Thursday, November 21, 2024
Business

Citi, HSBC and Barclays all want their bankers back in the office 5 days a week because of ‘new regulatory policies’

Citigroup Inc., HSBC Holdings Plc and Barclays Plc are ordering more staffers to report to company offices five days a week as regulatory changes make it trickier for Wall Street to allow working from home.

Citigroup is requiring about 600 US employees previously eligible to work remotely to commute to company offices full-time, the New York-based firm said in a statement Thursday. Even then, the majority of staff can continue their hybrid schedules, working up to two days a week outside the office, it said.

At HSBC, shifting regulations affect about 530 staff in New York — roughly half of its workforce in the city — and the bank is speaking to them about their options, Mabel Rius, head of human resources for the US and Americas, said in an interview. The firm is trying to let as many people as possible retain the option of logging in from home if they would like to, Rius said. HSBC’s regional chief has said it can avoid a blanket five-day mandate for all staff.

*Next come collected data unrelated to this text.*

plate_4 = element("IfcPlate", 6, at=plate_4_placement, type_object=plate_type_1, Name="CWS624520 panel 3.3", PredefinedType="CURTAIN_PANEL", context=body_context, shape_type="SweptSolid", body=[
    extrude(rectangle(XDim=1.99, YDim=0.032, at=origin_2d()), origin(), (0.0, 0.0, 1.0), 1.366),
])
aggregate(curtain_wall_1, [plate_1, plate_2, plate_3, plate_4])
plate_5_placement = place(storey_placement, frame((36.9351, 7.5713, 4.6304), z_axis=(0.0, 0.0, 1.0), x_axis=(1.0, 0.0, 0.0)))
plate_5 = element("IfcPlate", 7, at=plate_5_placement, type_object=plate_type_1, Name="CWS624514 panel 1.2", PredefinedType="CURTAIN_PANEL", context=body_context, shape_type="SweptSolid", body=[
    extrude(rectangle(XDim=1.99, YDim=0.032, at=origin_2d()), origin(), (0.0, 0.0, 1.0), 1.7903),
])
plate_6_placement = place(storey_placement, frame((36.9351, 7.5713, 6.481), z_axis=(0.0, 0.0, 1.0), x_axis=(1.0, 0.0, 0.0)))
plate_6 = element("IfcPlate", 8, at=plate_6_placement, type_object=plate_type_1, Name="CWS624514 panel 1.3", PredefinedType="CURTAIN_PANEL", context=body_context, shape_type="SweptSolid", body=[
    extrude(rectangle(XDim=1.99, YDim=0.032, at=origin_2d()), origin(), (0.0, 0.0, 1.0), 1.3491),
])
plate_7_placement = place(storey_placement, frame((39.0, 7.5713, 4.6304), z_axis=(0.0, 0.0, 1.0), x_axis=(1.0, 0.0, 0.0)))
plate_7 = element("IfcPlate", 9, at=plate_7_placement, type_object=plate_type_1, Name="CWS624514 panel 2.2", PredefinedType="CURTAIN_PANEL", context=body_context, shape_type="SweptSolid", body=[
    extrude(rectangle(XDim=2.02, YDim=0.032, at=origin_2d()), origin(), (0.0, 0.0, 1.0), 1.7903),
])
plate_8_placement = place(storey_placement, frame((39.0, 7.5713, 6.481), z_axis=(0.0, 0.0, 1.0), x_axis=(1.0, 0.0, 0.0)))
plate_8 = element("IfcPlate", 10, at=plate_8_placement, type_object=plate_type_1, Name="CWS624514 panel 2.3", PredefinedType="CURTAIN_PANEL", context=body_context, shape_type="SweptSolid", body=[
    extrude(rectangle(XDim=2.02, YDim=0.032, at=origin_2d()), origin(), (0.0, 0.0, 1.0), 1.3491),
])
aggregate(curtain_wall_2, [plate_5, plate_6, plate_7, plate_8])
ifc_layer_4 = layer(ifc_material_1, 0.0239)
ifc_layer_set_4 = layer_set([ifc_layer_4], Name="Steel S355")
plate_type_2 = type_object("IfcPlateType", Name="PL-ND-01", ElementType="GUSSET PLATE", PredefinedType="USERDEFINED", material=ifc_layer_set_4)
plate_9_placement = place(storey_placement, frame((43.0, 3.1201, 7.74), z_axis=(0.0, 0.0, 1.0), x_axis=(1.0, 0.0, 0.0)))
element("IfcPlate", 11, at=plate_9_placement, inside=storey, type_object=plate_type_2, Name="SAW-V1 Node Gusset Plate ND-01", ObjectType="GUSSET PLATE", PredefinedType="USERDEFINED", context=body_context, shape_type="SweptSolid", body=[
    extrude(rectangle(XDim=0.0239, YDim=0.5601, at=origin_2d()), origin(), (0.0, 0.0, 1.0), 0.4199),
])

Barclays will require thousands of investment banking staff globally to spend five days a week in the office or traveling to see clients, beginning from June 1, it said late Thursday in a memo. The decision — after Bloomberg reported the bank was weighing a five-day office mandate for more US staff — coincides with the “new regulatory policies,” it said. 

“Being together in the office drives innovation, collaboration and a stronger culture,” wrote Cathal Deasy and Taylor Wright, the firm’s global co-heads of investment banking. “We remain committed to flexible working and we recognize that there will be times when you will need to work from home,” they said, adding that group heads have discretion to allow occasional flexible working where needed. 

The banks are known to be among Wall Street’s more flexible in allowing employees to continue working remotely after the pandemic. The changes come as the Financial Industry Regulatory Authority — the US brokerage industry’s main watchdog — is set to re-instate pre-pandemic rules for monitoring workplaces in coming weeks. 

That may spell the end of remote work for many bank traders and some other dealmakers, as bosses conclude that allowing the practice under Finra’s framework is not worth the trouble or cost. Firms such as Deutsche Bank AG have been sizing up the burden as they weigh changes to their own policies.

With some bosses blaming Finra’s rules for a new slew of five-day office mandates, regulators have shot back, saying that, if anything, they’re trying to allow greater flexibility — not less.

The tension stems from US requirements that banks monitor staff and facilitate periodic workplace inspections. When Covid-19 broke out, regulators initially eased some of their rules to ensure people could work at home. Some of those accommodations are now poised to sunset.

While Finra says the changes don’t require firms to summon staff to offices five days a week, it has acknowledged that compliance requires work.

Some home offices will have to be listed with regulators as so-called “residential supervisory locations.” A pilot program for those sites lays out a system for remotely inspecting them at least every three years, starting in July. Privately, some executives have said that keeping up with the requirements may amount to a hefty price tag to preserve an employee’s ability to log on from the comfort of home.

Firms may ultimately reach different conclusions. Other banks have been weighing a five-day office mandate for some staff, people with knowledge of the matter said earlier this week. 

At Deutsche Bank, executives expect the firm can remain compliant with limited impact on its protocols, according to a person with knowledge of its thinking. Last month, Truist Financial Corp. told investment-banking staff that they must work from the office every weekday from June 1. 

Some of Wall Street’s largest banks — such as Bank of America Corp., JPMorgan Chase & Co. and Goldman Sachs Group Inc. — already have embraced five-day office commutes across many of their desks, at least in practice if not as rules. But some smaller franchises have touted flexibility, which can give them an edge in recruiting and retaining talent.